Convex Relaxation for Solving Large-Margin Classifiers in Hyperbolic Space
Sheng Yang, Peihan Liu, Cengiz Pehlevan
TL;DR
This work tackles the challenge of large-margin learning in hyperbolic space by transforming the hyperbolic SVM problem into a polynomial QCQP and applying two convex relaxations: semidefinite programming and sparse moment-sum-of-squares. The proposed approaches yield tighter, more reliable separators than gradient-based methods across synthetic and real hyperbolic datasets, with Moment-SOS often delivering the smallest optimality gaps and best generalization in many settings. However, scalability remains a critical issue, motivating future work on hybrid algorithms, dual formulations, kernels, and scalable variants.

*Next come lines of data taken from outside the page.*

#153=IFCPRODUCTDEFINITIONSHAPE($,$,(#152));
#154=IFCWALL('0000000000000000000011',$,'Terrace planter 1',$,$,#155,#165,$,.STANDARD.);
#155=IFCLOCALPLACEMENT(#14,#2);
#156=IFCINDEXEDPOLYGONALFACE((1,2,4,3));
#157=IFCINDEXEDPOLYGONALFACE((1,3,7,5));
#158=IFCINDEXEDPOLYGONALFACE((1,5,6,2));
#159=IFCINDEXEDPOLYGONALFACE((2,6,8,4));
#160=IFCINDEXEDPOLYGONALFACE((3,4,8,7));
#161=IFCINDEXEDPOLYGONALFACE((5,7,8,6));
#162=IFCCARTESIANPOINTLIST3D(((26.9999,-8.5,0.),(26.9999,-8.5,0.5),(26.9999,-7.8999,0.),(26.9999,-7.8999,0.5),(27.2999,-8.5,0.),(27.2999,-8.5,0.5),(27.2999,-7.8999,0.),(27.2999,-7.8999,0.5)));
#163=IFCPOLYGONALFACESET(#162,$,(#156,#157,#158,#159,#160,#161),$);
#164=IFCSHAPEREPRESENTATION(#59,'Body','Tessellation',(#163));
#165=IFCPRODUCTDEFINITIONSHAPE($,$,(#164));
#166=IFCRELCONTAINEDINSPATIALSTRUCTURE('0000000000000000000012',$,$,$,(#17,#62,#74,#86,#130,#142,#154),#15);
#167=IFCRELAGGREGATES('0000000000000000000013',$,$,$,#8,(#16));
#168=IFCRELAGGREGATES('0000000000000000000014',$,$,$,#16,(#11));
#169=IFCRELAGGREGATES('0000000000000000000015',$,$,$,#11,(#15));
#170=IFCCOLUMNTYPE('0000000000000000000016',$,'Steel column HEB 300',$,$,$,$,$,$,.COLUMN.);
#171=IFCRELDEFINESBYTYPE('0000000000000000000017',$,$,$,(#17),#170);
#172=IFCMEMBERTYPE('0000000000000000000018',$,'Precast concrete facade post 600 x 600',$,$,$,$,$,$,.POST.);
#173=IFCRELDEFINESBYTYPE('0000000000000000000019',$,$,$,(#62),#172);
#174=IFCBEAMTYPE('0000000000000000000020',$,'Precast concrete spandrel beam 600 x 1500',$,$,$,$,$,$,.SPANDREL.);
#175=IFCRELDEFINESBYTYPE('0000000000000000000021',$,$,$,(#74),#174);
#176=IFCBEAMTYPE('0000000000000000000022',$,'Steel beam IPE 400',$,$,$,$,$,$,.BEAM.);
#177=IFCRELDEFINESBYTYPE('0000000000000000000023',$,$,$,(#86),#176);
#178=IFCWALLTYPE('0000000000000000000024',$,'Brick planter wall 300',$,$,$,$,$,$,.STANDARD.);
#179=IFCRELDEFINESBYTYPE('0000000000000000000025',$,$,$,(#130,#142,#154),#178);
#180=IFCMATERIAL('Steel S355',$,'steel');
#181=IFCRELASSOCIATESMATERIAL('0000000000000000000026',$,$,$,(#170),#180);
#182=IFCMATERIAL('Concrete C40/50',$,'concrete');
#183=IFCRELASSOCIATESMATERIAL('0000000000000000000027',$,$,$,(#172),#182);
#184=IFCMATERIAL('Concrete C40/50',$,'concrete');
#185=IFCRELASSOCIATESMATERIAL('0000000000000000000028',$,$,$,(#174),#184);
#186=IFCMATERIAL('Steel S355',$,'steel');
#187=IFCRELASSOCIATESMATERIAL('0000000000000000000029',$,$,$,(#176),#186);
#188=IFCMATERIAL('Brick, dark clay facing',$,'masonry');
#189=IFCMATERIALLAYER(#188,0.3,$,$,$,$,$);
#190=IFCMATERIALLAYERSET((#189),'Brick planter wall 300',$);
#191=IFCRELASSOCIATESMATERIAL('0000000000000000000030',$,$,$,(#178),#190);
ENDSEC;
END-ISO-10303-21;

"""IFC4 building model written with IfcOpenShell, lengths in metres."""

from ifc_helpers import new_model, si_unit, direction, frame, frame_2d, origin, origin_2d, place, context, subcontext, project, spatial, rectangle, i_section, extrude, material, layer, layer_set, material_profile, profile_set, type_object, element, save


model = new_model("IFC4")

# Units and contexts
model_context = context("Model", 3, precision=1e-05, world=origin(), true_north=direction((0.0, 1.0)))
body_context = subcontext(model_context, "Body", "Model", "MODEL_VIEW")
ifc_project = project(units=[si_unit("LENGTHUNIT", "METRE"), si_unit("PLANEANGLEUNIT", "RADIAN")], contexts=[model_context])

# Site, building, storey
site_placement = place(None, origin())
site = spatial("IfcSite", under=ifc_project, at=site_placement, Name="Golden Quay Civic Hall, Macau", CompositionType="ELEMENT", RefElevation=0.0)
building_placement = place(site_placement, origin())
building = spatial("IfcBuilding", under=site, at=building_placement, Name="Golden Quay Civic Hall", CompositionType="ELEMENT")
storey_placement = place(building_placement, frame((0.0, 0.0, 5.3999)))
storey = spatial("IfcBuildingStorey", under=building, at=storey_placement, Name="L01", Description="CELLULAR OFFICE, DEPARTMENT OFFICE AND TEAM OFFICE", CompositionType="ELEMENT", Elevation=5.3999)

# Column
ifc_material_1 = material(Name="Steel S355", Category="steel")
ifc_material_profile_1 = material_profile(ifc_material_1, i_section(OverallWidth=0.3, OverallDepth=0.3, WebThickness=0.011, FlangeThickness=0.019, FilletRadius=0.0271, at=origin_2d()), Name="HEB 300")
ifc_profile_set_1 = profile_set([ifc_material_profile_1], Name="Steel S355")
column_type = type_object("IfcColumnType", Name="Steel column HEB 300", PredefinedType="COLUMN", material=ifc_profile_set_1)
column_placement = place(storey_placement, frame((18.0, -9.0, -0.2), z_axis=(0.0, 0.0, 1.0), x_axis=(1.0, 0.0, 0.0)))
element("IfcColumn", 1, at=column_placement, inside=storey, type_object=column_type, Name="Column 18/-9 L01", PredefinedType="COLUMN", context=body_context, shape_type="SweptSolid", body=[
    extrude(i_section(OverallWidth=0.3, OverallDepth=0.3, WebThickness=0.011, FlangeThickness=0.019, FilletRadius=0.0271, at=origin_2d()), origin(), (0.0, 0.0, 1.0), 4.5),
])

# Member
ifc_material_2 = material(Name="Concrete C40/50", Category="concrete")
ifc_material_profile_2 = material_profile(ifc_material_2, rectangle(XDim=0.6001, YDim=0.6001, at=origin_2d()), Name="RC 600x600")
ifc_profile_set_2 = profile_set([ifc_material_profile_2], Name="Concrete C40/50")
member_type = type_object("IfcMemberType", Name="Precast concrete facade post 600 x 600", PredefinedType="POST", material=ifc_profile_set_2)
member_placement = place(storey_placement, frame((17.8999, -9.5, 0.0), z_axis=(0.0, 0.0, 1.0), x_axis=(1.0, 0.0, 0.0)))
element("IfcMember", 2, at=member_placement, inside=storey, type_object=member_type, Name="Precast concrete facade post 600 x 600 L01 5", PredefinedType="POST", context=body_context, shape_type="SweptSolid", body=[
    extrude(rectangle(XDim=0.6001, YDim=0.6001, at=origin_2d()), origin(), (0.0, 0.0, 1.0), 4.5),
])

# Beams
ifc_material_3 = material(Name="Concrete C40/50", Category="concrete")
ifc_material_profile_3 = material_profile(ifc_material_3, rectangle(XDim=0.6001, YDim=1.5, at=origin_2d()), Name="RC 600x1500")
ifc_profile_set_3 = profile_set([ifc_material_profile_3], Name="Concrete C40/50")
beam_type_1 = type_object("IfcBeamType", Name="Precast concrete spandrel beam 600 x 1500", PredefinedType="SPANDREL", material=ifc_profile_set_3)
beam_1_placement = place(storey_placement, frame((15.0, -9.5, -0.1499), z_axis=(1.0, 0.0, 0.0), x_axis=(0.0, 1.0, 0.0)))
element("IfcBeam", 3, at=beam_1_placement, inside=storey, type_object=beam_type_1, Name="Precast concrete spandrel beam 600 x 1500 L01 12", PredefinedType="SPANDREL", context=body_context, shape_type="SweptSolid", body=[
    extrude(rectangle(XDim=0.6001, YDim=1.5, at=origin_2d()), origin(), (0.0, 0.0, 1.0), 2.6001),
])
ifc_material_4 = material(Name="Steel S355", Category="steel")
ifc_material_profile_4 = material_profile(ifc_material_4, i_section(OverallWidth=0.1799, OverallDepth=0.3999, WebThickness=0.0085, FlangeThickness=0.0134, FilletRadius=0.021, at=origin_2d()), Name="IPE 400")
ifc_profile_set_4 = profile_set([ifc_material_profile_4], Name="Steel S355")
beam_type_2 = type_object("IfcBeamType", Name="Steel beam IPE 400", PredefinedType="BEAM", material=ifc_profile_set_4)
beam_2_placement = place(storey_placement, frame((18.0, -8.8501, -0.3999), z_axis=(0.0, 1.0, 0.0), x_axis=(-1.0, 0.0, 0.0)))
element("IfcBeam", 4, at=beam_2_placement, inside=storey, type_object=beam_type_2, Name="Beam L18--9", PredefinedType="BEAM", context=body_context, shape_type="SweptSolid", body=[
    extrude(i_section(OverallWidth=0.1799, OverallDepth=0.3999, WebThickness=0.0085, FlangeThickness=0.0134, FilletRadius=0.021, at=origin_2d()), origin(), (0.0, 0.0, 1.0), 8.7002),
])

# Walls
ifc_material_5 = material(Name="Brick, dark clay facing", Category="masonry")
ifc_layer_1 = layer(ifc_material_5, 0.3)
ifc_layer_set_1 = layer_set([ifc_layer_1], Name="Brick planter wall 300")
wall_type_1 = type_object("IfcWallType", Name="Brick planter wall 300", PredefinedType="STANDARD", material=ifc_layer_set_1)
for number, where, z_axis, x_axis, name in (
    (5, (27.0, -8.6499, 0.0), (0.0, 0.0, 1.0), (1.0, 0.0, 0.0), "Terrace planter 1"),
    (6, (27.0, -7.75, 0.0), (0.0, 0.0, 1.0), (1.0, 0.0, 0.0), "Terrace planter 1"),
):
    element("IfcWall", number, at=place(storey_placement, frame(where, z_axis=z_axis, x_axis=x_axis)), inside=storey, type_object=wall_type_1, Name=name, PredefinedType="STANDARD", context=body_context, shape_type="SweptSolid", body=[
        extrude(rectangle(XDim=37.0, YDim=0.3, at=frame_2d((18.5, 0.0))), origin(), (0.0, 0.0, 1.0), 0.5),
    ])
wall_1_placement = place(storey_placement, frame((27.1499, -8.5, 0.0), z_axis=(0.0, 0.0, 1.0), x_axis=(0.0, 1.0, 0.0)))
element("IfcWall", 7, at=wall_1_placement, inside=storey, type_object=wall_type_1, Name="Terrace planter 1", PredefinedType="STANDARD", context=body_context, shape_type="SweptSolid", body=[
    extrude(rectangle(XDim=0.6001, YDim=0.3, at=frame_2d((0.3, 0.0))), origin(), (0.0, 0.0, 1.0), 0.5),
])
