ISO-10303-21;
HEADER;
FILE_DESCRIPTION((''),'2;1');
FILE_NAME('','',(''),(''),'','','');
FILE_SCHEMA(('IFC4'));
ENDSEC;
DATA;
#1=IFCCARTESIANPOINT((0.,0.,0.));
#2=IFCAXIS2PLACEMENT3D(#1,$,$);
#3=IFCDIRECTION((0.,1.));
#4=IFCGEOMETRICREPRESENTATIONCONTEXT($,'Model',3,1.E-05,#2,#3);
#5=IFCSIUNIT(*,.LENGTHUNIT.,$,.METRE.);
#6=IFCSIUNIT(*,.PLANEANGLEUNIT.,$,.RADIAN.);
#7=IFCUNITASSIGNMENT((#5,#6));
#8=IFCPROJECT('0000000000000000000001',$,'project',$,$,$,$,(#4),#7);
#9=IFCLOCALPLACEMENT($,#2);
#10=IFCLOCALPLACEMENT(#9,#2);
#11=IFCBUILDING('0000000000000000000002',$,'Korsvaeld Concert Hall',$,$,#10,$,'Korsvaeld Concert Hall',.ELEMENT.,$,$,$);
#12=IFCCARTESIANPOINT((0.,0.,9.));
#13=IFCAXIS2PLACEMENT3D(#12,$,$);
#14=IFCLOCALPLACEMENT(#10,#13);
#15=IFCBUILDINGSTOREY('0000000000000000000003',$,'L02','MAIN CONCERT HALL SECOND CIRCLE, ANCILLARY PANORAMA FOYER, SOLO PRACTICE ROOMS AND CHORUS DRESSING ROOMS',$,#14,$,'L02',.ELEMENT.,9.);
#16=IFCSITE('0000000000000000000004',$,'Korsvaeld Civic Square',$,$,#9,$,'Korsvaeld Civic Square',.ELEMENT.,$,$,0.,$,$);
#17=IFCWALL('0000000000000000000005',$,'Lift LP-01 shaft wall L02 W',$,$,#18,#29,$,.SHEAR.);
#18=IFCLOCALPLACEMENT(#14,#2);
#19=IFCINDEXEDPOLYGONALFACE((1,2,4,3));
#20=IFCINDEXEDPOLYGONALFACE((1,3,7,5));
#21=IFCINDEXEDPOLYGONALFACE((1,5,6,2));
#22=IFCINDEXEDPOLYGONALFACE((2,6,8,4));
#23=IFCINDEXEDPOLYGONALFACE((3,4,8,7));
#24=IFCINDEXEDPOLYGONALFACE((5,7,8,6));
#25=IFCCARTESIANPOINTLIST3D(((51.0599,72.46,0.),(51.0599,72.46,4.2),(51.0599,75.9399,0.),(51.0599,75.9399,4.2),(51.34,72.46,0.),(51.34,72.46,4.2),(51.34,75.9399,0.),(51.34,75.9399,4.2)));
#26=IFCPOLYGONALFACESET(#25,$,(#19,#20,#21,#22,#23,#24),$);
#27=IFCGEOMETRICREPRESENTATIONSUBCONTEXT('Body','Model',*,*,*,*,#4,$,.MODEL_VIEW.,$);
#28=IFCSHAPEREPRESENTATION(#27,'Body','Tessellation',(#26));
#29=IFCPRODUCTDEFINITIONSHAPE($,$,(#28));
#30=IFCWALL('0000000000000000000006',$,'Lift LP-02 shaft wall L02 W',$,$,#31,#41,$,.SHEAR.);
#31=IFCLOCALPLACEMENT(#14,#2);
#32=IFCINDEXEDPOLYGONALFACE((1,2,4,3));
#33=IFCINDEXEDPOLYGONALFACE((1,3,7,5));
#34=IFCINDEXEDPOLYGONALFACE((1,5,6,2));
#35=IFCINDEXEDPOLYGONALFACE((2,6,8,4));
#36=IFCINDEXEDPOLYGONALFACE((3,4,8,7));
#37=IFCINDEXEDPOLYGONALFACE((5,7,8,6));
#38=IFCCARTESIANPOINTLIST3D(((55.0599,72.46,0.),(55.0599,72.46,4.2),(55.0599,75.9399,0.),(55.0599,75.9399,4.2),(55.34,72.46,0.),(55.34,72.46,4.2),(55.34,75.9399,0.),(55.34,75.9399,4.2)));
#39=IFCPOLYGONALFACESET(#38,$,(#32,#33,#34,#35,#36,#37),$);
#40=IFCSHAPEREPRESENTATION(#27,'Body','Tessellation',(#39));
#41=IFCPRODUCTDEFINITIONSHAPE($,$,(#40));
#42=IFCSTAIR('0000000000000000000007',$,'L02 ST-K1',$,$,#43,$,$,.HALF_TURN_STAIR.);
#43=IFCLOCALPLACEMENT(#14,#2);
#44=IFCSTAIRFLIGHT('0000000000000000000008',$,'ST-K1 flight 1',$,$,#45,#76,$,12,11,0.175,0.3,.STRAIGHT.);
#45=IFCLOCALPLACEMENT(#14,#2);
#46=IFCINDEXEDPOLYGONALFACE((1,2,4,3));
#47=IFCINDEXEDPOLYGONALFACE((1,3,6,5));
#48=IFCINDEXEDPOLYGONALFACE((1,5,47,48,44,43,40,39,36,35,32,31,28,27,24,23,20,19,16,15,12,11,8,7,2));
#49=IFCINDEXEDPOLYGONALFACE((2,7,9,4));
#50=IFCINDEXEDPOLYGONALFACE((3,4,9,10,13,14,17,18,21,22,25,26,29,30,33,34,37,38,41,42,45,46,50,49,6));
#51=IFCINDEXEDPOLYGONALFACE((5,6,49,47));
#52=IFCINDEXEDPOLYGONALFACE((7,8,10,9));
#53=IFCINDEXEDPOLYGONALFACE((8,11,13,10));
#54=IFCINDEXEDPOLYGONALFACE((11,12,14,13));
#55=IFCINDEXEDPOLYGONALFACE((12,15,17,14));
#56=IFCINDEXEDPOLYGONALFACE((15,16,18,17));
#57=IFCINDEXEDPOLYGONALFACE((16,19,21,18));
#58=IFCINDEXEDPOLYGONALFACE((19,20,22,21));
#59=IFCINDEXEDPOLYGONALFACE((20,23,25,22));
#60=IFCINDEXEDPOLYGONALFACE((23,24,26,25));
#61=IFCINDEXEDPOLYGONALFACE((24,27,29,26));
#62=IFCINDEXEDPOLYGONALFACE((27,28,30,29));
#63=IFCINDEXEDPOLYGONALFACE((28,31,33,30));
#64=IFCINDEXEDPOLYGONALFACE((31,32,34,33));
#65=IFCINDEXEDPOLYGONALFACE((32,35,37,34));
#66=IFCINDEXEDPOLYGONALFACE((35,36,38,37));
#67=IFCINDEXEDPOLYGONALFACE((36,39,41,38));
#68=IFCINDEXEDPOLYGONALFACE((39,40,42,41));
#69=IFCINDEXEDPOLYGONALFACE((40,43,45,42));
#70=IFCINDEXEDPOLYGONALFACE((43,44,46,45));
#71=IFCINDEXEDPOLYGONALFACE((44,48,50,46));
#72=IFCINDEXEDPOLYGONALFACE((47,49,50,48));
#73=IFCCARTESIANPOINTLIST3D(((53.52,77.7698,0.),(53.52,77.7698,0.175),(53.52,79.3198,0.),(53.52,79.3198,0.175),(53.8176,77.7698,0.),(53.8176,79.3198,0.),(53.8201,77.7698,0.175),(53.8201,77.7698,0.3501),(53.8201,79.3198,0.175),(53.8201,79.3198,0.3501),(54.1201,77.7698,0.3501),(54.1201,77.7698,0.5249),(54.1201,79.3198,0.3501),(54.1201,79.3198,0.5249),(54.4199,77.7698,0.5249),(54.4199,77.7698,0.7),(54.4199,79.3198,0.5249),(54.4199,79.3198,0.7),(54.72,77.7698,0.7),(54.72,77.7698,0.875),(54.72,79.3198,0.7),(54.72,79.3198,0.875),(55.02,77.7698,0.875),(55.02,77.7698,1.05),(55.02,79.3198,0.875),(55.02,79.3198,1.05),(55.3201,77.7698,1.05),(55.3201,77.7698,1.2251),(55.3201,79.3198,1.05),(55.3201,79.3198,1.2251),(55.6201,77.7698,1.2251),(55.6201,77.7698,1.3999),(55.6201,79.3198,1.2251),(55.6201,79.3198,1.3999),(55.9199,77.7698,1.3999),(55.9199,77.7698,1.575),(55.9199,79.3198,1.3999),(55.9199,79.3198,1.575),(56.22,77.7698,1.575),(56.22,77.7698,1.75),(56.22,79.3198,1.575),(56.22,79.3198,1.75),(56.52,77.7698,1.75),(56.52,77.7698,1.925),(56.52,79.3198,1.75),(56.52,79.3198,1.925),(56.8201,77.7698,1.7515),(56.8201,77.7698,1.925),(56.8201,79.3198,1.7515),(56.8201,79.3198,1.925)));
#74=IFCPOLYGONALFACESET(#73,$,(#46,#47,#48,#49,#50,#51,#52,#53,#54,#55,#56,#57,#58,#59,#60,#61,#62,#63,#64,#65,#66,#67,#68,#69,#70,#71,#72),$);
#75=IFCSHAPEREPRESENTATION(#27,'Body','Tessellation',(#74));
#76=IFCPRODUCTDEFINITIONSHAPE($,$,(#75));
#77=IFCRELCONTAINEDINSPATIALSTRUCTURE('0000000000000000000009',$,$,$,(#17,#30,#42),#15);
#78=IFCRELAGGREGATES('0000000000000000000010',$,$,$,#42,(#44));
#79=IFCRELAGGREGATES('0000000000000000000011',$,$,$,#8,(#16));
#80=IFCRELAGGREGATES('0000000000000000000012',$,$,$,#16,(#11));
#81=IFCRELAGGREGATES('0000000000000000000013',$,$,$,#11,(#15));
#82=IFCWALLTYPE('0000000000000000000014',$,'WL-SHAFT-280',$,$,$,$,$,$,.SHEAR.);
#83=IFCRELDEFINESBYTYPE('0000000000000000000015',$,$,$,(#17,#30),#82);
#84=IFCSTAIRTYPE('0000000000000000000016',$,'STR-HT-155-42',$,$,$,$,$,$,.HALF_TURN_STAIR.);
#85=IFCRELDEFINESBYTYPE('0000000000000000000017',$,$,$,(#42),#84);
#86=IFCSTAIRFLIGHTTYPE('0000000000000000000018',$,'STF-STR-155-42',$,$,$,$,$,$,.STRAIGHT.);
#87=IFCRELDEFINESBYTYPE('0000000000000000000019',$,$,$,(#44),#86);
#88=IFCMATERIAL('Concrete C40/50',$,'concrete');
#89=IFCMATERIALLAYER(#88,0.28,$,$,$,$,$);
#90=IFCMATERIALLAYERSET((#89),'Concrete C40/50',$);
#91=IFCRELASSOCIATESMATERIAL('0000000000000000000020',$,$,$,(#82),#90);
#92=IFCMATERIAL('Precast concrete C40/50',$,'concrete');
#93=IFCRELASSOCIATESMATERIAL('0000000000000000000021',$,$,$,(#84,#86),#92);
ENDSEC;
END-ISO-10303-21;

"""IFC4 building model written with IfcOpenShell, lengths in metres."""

from ifc_helpers import new_model, si_unit, direction, frame, frame_2d, origin, place, context, subcontext, project, spatial, polyline, rectangle, outline, extrude, material, layer, layer_set, type_object, element, aggregate, save


model = new_model("IFC4")

# Units and contexts
model_context = context("Model", 3, precision=1e-05, world=origin(), true_north=direction((0.0, 1.0)))
body_context = subcontext(model_context, "Body", "Model", "MODEL_VIEW")
ifc_project = project(units=[si_unit("LENGTHUNIT", "METRE"), si_unit("PLANEANGLEUNIT", "RADIAN")], contexts=[model_context])

# Site, building, storey
site_placement = place(None, origin())
site = spatial("IfcSite", under=ifc_project, at=site_placement, Name="Korsvaeld Civic Square", LongName="Korsvaeld Civic Square", CompositionType="ELEMENT", RefElevation=0.0)
building_placement = place(site_placement, origin())
building = spatial("IfcBuilding", under=site, at=building_placement, Name="Korsvaeld Concert Hall", LongName="Korsvaeld Concert Hall", CompositionType="ELEMENT")
storey_placement = place(building_placement, frame((0.0, 0.0, 9.0)))
storey = spatial("IfcBuildingStorey", under=building, at=storey_placement, Name="L02", Description="MAIN CONCERT HALL SECOND CIRCLE, ANCILLARY PANORAMA FOYER, SOLO PRACTICE ROOMS AND CHORUS DRESSING ROOMS", LongName="L02", CompositionType="ELEMENT", Elevation=9.0)

# Shared definitions
ifc_material_1 = material(Name="Concrete C40/50", Category="concrete")

# Shared definitions
ifc_layer_1 = layer(ifc_material_1, 0.28)
ifc_layer_set_1 = layer_set([ifc_layer_1], Name="Concrete C40/50")
wall_type_1 = type_object("IfcWallType", Name="WL-SHAFT-280", PredefinedType="SHEAR", material=ifc_layer_set_1)

# Wall
wall_1_placement = place(storey_placement, frame((51.2, 75.9399, 0.0), z_axis=(0.0, 0.0, 1.0), x_axis=(0.0, -1.0, 0.0)))
element("IfcWall", 1, at=wall_1_placement, inside=storey, type_object=wall_type_1, Name="Lift LP-01 shaft wall L02 W", PredefinedType="SHEAR", context=body_context, shape_type="SweptSolid", body=[
    extrude(rectangle(XDim=3.48, YDim=0.28, at=frame_2d((1.74, 0.0))), origin(), (0.0, 0.0, 1.0), 4.2),
])

# Wall
wall_2_placement = place(storey_placement, frame((55.2, 75.9399, 0.0), z_axis=(0.0, 0.0, 1.0), x_axis=(0.0, -1.0, 0.0)))
element("IfcWall", 2, at=wall_2_placement, inside=storey, type_object=wall_type_1, Name="Lift LP-02 shaft wall L02 W", PredefinedType="SHEAR", context=body_context, shape_type="SweptSolid", body=[
    extrude(rectangle(XDim=3.48, YDim=0.28, at=frame_2d((1.74, 0.0))), origin(), (0.0, 0.0, 1.0), 4.2),
])

# Stair, stair flight
ifc_material_2 = material(Name="Precast concrete C40/50", Category="concrete")
stair_type = type_object("IfcStairType", Name="STR-HT-155-42", PredefinedType="HALF_TURN_STAIR", material=ifc_material_2)
stair_placement = place(storey_placement, origin())
stair = element("IfcStair", 3, at=stair_placement, inside=storey, type_object=stair_type, Name="L02 ST-K1", PredefinedType="HALF_TURN_STAIR")
stair_flight_type = type_object("IfcStairFlightType", Name="STF-STR-155-42", PredefinedType="STRAIGHT", material=ifc_material_2)
stair_flight_placement = place(storey_placement, frame((53.52, 78.5449, 0.0), z_axis=(0.0, 0.0, 1.0), x_axis=(1.0, 0.0, 0.0)))
stair_flight = element("IfcStairFlight", 4, at=stair_flight_placement, type_object=stair_flight_type, Name="ST-K1 flight 1", NumberOfRisers=12, NumberOfTreads=11, PredefinedType="STRAIGHT", RiserHeight=0.175, TreadLength=0.3, context=body_context, shape_type="SweptSolid", body=[
    extrude(outline(polyline([(0.0, 0.0), (0.0, 0.175), (0.3, 0.175), (0.3, 0.3501), (0.6001, 0.3501), (0.6001, 0.5249), (0.8999, 0.5249), (0.8999, 0.7), (1.2, 0.7), (1.2, 0.875), (1.5, 0.875), (1.5, 1.05), (1.8, 1.05), (1.8, 1.2251), (2.1001, 1.2251), (2.1001, 1.3999), (2.3999, 1.3999), (2.3999, 1.575), (2.7, 1.575), (2.7, 1.75), (3.0, 1.75), (3.0, 1.925), (3.3, 1.925), (3.3, 2.1001), (3.3, 1.7515), (0.2976, 0.0), (0.0, 0.0)])), frame((0.0, 0.7749, 0.0), z_axis=(0.0, -1.0, 0.0), x_axis=(1.0, 0.0, 0.0)), (0.0, 0.0, 1.0), 1.55),
])
aggregate(stair, [stair_flight])

save(model, "model.ifc")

Overall, the paper demonstrates that convex relaxation techniques can meaningfully certify and improve hyperbolic classification performance, particularly for hierarchical and graph-structured data embedded in \\mathbb{H}^d.
Abstract
Hyperbolic spaces have increasingly been recognized for their outstanding performance in handling data with inherent hierarchical structures compared to their Euclidean counterparts. However, learning in hyperbolic spaces poses significant challenges. In particular, extending support vector machines to hyperbolic spaces is in general a constrained non-convex optimization problem. Previous and popular attempts to solve hyperbolic SVMs, primarily using projected gradient descent, are generally sensitive to hyperparameters and initializations, often leading to suboptimal solutions. In this work, by first rewriting the problem into a polynomial optimization, we apply semidefinite relaxation and sparse moment-sum-of-squares relaxation to effectively approximate the optima. From extensive empirical experiments, these methods are shown to perform better than the projected gradient descent approach.